Communists since Babeuf have recognised that, in the proletarian revolution, the political aspect precedes and conditions the economic. That is a schema completely opposed to the one that prevailed in the bourgeois revolution. The capitalist economy developed inside feudal society, in the chinks of the latter one could say. The new revolutionary class, the bourgeoisie, could thus conquer economic power in society while the political and administrative structures were still linked to feudalism (absolute monarchy, economic and political privileges of the nobility, etc.). It is only when the capitalist mode of production became dominant, when it was conditioning the whole of economic life (including those sectors which weren't directly capitalist, such as small scale agricultural and craft production), that the bourgeoisie launched its assault on the political power. This in turn enabled it to adapt the latter to its specific needs and lay the ground for a new economic expansion. This is what it did, notably with the English revolution of the 1640s and the French revolution of 1789. In this sense the bourgeois revolution completed a whole period of transition during the course of which it developed inside feudal society, until it came to the point of supplanting it on the basis of a new economic organisation of society. The schema of the proletarian revolution is quite another thing. In capitalist society, the working class possesses no property, no established material springboard for its future domination of society. All the attempts inspired by utopian or Proudhonist conceptions have failed: the proletariat cannot create 'islands' of communism in present-day society. All the workers' communities or cooperatives have either been destroyed or recuperated by capitalism. Babeuf, Blanqui and Marx understood this against the utopians, Proudhon and the anarchists. The taking of political power by the proletariat is the point of departure of its revolution, the lever with which it will progressively transform the economic life of society with the perspective of abolishing all economy. It is for that reason that, as Marx wrote: "Without revolution, socialism cannot be realised. It needs this political act, inasmuch as it needs destruction and dissolution. But here its organising activity begins and here its own aim emerges; its soul, socialism rejects its political envelope" (Poverty of Philosophy).

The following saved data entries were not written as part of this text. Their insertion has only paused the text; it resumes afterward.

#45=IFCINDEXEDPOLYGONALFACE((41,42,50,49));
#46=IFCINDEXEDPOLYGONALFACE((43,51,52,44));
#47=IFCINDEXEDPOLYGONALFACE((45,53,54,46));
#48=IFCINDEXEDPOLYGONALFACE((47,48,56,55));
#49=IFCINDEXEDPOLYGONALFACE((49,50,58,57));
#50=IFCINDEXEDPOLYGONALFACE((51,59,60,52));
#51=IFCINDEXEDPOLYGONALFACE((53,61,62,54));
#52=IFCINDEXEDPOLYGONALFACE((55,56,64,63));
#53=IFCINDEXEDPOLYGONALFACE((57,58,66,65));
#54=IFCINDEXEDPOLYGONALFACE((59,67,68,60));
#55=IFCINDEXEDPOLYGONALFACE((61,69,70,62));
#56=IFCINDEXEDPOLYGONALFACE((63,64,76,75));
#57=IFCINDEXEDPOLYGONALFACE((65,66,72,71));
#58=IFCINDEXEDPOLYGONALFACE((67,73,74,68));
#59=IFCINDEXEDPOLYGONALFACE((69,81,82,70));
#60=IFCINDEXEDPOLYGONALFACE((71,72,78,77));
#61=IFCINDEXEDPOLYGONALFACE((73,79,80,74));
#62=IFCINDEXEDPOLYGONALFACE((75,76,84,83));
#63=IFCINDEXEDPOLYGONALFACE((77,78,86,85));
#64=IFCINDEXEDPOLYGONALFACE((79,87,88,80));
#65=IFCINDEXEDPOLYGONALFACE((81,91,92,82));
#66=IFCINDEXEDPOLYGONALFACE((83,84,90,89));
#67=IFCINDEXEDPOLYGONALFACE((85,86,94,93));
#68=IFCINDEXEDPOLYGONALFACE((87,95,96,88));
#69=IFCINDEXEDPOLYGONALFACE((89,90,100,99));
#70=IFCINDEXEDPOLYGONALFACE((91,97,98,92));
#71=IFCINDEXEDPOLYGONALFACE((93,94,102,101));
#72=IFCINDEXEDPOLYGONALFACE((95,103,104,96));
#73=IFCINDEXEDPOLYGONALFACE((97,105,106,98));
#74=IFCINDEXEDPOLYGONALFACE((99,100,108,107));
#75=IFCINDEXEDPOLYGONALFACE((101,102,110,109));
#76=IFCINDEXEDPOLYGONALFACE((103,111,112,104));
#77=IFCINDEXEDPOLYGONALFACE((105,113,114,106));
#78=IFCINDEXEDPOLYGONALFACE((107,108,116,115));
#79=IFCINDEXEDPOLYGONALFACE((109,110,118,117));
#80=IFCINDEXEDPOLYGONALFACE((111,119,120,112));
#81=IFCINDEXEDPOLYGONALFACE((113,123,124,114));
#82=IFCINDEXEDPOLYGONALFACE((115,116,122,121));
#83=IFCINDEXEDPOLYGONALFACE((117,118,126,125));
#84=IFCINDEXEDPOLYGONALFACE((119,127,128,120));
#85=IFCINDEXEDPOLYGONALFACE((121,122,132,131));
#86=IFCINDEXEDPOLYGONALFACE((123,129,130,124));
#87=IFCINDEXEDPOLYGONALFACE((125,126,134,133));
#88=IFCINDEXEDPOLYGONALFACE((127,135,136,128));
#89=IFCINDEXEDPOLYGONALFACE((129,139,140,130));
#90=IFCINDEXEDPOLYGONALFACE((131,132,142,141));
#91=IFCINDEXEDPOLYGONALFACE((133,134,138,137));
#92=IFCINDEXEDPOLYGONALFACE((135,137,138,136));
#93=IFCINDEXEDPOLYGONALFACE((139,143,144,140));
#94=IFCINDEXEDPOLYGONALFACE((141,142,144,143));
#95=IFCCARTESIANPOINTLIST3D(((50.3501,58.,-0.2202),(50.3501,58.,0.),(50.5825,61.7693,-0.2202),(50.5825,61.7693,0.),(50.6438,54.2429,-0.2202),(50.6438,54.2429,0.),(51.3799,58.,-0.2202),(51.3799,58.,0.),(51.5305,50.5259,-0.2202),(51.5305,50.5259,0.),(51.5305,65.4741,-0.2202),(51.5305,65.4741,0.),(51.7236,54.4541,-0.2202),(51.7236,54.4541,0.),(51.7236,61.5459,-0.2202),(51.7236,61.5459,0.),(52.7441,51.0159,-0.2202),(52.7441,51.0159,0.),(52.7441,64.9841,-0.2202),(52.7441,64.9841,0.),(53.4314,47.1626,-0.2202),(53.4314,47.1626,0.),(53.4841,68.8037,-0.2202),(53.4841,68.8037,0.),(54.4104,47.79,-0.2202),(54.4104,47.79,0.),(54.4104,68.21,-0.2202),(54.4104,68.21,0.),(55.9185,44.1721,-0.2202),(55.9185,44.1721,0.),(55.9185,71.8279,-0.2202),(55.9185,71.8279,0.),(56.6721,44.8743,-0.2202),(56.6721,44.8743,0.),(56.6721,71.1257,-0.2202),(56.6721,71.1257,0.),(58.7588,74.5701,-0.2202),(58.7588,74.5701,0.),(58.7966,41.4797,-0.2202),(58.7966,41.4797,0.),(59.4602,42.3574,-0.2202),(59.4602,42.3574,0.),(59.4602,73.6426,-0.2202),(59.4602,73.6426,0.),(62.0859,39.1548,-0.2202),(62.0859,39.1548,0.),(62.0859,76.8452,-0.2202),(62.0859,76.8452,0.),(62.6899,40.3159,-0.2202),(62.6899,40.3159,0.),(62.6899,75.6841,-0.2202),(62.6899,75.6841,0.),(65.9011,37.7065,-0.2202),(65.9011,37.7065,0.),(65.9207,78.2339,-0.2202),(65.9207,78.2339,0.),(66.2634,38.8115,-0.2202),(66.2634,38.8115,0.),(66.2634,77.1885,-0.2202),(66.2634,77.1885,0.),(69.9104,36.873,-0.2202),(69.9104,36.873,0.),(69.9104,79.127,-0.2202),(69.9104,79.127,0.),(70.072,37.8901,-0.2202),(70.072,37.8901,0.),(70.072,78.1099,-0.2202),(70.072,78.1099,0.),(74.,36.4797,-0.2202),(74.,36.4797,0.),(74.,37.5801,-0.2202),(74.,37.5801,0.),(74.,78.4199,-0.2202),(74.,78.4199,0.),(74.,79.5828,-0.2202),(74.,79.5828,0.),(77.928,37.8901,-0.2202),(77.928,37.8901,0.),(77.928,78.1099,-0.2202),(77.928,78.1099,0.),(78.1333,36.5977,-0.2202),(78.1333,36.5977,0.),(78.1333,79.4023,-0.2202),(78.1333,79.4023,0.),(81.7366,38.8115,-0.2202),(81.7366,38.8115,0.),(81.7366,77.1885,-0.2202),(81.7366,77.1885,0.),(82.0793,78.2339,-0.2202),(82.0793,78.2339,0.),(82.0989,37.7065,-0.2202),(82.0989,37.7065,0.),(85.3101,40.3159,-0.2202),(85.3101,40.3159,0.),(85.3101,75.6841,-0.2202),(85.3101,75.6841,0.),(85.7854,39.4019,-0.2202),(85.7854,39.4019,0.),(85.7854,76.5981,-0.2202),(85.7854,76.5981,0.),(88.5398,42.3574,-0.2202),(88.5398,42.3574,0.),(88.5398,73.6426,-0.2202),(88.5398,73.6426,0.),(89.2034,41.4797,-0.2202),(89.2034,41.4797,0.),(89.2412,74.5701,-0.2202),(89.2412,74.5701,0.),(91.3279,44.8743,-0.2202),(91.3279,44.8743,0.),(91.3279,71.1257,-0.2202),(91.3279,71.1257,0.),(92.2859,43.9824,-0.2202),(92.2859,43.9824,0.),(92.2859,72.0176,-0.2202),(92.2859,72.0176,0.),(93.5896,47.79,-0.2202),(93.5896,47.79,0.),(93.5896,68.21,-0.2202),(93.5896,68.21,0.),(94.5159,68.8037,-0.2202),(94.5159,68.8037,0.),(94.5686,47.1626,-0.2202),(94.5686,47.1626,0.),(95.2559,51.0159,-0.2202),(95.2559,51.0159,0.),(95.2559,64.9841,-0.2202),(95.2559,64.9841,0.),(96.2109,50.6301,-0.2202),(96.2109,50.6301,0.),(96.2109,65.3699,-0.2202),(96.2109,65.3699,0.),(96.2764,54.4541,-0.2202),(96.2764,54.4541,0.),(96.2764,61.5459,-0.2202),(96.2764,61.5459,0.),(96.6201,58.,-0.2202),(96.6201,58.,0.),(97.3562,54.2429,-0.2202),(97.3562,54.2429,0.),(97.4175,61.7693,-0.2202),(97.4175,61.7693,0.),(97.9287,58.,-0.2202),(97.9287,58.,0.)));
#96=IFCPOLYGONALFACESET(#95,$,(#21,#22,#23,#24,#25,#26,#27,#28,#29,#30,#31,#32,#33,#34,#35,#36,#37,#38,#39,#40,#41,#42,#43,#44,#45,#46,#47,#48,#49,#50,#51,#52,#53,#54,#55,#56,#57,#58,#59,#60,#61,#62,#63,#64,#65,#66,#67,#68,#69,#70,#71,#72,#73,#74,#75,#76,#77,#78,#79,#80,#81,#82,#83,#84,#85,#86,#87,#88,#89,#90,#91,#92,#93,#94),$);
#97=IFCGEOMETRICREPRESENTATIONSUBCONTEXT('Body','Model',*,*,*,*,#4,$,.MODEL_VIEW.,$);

Inasmuch as capitalism had already created its economic base at the time of the bourgeois revolution, the latter was essentially political. The revolution of the proletariat, on the contrary, begins with a political act that conditions the development not only of its economic aspects, but also above all of its social aspects.
Thus, the workers' councils are in no way organs of 'self-management', organs for the management of the capitalist economy (ie., of misery). They are political organs whose primary tasks are to destroy the capitalist state and establish the proletarian dictatorship on a world scale. But they are also organs for the economic and social transformation of society, and this aspect makes itself felt from the very start of the revolutionary process (expropriation of the bourgeoisie, organisation of essential supplies for the population etc). With the political defeat of the bourgeoisie, the economic and social dimension will more and more come into its own.